I wld suggest that you download e-books from a torrent site adn do a search on wood or furniture. IF you pm me your email address, i shld be able to find some materials adn email it to you fi teh files are not too big.

THis opens another new dimension.. so much to know about wood if you are really into it.

By teh way.. walnut slabs for tables, benches or console tables are in demand. I read somewhere that walnut trees are stolen in USA due to the high price. YOu may have stumbled on a goldmine which can feed on your knife addiction! so check it out! Check out www.etsy.com and do a search on walnut slabs. that can be an eye opener for you. A good slab adn suitably dried can pay for a Devin, Burke, Rader and a Catcheside.. may be 3 out of the 4

THis I know as I am still in the hunt for a solid walnut slab.

a) one possibility is to team up with an artisan that mills his own wood. If you are not interested at the very least you can ask for teh best pieces adn still feed your addition ; if not have a walnut slab for a table or a console table.
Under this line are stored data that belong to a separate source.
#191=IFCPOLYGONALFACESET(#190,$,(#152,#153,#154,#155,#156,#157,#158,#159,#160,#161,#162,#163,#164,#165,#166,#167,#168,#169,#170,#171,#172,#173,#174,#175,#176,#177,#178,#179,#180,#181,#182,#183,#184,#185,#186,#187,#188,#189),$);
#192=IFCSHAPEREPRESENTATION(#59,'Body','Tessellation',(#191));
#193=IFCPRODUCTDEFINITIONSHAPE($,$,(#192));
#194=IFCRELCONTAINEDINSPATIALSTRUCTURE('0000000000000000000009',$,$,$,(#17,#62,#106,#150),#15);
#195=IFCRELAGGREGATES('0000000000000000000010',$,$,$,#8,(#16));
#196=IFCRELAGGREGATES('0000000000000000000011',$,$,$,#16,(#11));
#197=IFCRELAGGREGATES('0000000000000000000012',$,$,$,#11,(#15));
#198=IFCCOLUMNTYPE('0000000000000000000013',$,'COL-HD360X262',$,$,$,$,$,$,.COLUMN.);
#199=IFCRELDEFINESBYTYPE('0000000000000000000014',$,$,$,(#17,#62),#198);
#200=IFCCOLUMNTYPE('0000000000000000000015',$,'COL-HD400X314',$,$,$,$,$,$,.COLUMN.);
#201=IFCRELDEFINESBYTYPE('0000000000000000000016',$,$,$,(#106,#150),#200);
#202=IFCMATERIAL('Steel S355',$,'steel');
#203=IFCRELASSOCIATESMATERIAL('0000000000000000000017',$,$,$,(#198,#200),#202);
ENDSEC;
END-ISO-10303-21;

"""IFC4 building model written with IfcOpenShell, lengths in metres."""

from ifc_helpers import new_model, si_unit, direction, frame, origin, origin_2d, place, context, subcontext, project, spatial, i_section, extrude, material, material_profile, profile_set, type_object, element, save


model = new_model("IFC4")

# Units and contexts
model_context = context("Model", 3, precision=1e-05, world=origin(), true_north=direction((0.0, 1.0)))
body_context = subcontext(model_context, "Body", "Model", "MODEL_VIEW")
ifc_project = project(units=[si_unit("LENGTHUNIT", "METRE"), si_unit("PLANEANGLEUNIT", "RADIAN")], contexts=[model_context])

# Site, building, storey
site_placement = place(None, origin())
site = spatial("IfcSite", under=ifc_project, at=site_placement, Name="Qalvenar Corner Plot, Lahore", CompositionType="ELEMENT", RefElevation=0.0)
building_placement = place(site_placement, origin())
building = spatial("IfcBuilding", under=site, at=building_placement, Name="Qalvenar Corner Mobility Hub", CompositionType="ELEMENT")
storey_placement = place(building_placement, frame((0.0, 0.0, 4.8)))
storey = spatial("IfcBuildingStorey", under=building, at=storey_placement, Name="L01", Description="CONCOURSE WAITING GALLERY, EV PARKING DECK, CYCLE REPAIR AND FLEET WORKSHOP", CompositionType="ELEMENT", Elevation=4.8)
b) if teh monetary compensation is too much for your compensation, I will gladly adn shamelessly accept one of your fine knives to feed my addiction.

have fun

rgds
d


----------



## pkjames (Apr 22, 2013)

you can get greenwood stabilizer and see if it works.
http://www.amazon.com/dp/B001DSZZ30/?tag=skimlinks_replacement-20


----------



## Zwiefel (Apr 22, 2013)

thanks guys!


----------



## Dream Burls (Apr 22, 2013)

I'd be curious to know if you got any further with this project. You need a limb that's at least 2 inch "caliper". Then your cuts will determine the direction and aesthetics of the figure. Good luck.


----------



## Mrmnms (Apr 22, 2013)

View attachment 14742
Walnut has great potential. Subtle. I'm liking mine. If your cut some, I'd be interested if it works out. Any tired looking branches?


----------



## Marko Tsourkan (Apr 22, 2013)

Don't. Not worth the effort, plus there is ton of kiln-dried, highly-figured walnut available. 

Wood has to have under 10% moisture content to take stabilizing well. Typically, a year or two (or three in some species) of air drying brings the moisture content down to 20-30% in a fallen tree. Then you proceed with a kiln-drying for several months to bring MC further down to 7-8%. You get my point. 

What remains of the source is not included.